Carlos Kauffman, Franklin Durán y Moisés Maionica
fueron detenidos en diciembre del año pasado en Miami.
La fiscalía estadounidense les negó medidas de libertad
condicional por el presunto delito de haber llevado mensajes
del gobierno del presidente Hugo Chávez a Guido Antonini
Wilson, el hombre que el pasado 4 de agosto cargaba la maleta
con 800.000 después de aterrizar en Argentina.
Yánez Rangel denuncia que están aislados en celdas
de máxima seguridad "como maleantes de los más perseguidos".
Recuerda que ellos no estaban en Argentina cuando llegó
el maletín. Para él, simplemente fueron a hablar
con un amigo sobre su caso. Por eso insiste en que son inocentes.
"Doy fe y estoy dispuesto a testificar donde quieran", dice.
"Yo meto las manos en el fuego en cuanto a que ellos no son
funcionarios".
Teme ser otro acusado
El gobernador no descarta que después de los dueños
de Venoco acusen a otros, incluso a él. Cuando le preguntan
si la justicia estadounidense puede involucrarlo en el caso
Antonini, asiente con la cabeza: "Yo temo de todo, hasta de
mi seguridad porque me indigna cuando veo que se violenta
la seguridad jurídica de estos empresarios".

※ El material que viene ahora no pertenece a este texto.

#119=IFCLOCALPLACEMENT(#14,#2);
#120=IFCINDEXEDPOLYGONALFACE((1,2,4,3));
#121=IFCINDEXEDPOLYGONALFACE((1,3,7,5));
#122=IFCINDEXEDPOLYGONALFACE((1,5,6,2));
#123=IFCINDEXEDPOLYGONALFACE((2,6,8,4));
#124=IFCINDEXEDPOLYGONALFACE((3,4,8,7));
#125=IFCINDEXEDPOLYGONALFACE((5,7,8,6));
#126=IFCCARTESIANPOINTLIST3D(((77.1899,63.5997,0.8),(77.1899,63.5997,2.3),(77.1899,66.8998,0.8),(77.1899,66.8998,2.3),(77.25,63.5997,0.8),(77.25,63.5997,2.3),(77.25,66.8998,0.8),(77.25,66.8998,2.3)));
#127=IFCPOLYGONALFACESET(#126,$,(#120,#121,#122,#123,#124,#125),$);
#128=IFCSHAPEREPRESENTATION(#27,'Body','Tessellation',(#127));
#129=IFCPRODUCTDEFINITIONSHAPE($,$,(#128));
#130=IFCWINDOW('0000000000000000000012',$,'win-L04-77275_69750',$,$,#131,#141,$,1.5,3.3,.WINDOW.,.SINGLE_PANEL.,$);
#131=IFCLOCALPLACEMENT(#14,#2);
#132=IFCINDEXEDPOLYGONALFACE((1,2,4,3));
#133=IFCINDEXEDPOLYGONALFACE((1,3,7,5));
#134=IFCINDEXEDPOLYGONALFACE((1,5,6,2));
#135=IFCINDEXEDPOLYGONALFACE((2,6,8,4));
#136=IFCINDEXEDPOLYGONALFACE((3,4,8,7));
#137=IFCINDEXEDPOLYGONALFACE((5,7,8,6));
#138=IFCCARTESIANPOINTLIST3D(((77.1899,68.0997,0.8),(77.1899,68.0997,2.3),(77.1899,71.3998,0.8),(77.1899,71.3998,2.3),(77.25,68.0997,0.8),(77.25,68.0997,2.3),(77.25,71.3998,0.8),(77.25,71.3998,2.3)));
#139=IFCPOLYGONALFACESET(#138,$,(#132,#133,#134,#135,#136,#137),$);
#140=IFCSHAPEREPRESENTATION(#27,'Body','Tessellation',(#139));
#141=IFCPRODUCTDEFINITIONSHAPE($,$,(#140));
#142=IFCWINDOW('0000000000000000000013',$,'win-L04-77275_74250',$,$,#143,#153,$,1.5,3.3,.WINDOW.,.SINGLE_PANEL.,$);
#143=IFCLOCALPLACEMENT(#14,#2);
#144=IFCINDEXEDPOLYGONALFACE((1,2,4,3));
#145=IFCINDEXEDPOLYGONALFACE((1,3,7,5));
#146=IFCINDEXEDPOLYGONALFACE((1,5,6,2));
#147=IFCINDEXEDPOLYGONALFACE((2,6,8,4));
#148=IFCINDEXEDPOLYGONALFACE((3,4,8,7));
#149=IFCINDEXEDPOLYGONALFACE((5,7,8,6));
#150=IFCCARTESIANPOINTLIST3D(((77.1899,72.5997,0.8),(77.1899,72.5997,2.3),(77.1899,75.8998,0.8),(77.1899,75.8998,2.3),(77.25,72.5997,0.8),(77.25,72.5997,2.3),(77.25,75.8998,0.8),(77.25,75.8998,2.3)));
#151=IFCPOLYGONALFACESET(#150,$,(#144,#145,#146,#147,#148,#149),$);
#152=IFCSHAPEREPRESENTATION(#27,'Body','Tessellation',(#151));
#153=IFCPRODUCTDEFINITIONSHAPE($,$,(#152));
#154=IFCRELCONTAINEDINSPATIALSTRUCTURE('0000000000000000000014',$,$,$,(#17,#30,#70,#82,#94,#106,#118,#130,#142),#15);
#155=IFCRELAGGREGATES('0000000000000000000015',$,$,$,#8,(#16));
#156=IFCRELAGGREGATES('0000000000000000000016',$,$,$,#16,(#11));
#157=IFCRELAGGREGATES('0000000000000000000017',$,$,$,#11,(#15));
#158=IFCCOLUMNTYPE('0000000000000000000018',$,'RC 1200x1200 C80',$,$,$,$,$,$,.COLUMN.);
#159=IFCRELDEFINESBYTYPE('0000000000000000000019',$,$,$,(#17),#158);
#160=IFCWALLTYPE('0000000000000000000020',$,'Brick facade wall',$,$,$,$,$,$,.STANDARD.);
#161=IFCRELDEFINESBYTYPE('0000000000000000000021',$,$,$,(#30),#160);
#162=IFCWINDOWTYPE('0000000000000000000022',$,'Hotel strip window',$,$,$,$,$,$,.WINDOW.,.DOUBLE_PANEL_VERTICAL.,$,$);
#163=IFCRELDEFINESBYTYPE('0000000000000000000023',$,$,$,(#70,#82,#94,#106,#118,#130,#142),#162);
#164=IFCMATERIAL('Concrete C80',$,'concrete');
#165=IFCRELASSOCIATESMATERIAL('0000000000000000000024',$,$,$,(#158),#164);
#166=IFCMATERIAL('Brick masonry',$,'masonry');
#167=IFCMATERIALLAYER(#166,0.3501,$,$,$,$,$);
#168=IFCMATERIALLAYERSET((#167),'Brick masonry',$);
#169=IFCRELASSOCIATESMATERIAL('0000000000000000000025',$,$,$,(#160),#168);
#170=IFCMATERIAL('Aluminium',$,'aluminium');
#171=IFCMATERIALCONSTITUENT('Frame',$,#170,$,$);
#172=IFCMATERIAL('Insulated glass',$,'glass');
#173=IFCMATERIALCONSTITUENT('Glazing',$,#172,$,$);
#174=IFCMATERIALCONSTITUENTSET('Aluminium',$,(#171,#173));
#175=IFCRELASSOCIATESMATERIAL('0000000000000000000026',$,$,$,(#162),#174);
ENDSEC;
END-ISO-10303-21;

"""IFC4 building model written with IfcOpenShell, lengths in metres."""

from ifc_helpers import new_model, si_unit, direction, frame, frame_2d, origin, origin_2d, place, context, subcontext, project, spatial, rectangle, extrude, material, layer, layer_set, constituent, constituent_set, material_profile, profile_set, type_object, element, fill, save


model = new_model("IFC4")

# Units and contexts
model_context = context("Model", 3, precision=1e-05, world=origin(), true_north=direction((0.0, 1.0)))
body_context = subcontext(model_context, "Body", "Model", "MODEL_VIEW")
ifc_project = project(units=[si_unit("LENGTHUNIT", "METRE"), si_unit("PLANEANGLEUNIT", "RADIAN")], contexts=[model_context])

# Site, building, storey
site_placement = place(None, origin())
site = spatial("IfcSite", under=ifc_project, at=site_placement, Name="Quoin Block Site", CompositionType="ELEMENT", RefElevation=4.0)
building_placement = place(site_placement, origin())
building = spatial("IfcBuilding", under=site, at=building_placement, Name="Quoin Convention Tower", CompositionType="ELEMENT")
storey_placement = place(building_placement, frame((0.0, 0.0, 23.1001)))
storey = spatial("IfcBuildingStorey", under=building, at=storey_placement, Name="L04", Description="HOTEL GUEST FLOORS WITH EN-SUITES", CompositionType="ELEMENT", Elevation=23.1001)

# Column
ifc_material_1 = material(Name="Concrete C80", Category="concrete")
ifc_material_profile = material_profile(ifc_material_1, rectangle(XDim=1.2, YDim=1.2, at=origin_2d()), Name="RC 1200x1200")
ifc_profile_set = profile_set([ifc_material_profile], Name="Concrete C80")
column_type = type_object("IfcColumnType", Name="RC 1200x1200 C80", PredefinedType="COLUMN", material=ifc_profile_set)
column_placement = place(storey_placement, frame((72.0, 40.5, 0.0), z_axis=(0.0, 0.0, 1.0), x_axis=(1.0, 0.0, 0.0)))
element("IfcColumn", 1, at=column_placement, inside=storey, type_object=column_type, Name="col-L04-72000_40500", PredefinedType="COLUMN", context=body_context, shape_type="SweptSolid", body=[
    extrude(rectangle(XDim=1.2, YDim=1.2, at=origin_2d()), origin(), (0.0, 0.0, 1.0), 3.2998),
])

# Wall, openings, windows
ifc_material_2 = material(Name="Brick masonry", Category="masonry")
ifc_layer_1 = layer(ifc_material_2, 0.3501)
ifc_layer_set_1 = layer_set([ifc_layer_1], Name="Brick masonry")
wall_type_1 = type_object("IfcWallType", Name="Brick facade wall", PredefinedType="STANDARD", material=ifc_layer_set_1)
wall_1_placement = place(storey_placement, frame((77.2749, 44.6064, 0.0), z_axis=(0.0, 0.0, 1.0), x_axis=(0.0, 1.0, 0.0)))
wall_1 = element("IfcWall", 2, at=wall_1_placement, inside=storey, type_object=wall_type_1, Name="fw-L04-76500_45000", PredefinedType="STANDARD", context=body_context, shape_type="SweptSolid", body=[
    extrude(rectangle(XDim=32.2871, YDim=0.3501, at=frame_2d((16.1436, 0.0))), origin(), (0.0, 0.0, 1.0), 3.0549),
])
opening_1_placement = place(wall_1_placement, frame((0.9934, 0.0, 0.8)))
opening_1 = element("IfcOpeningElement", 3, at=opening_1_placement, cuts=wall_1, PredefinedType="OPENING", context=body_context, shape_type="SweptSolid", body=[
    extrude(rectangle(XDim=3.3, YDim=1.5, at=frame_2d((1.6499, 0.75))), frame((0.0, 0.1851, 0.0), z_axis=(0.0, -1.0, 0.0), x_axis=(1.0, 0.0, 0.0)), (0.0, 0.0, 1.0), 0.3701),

A su juicio, si las autoridades del Norte tuvieran buena
fe enviaran a Antonini a Argentina, donde guardan la maleta
con los dólares. Aunque los seriales de los billetes
determinarían de dónde salieron, asegura que el
juego está trancado porque no se puede abrir un expediente
sin el principal sospechoso.
Reconoce, de cualquier forma, que tras la maleta de Antonini
huele a corrupción. Sabe que si se logra determinar que
el dinero salió de Venezuela, hay un ilícito cambiario.
Más aun si eran billetes que estaban en las bóvedas
del BCV. "Lo que no podemos es empastelar a todo el mundo
y a un país", concluye.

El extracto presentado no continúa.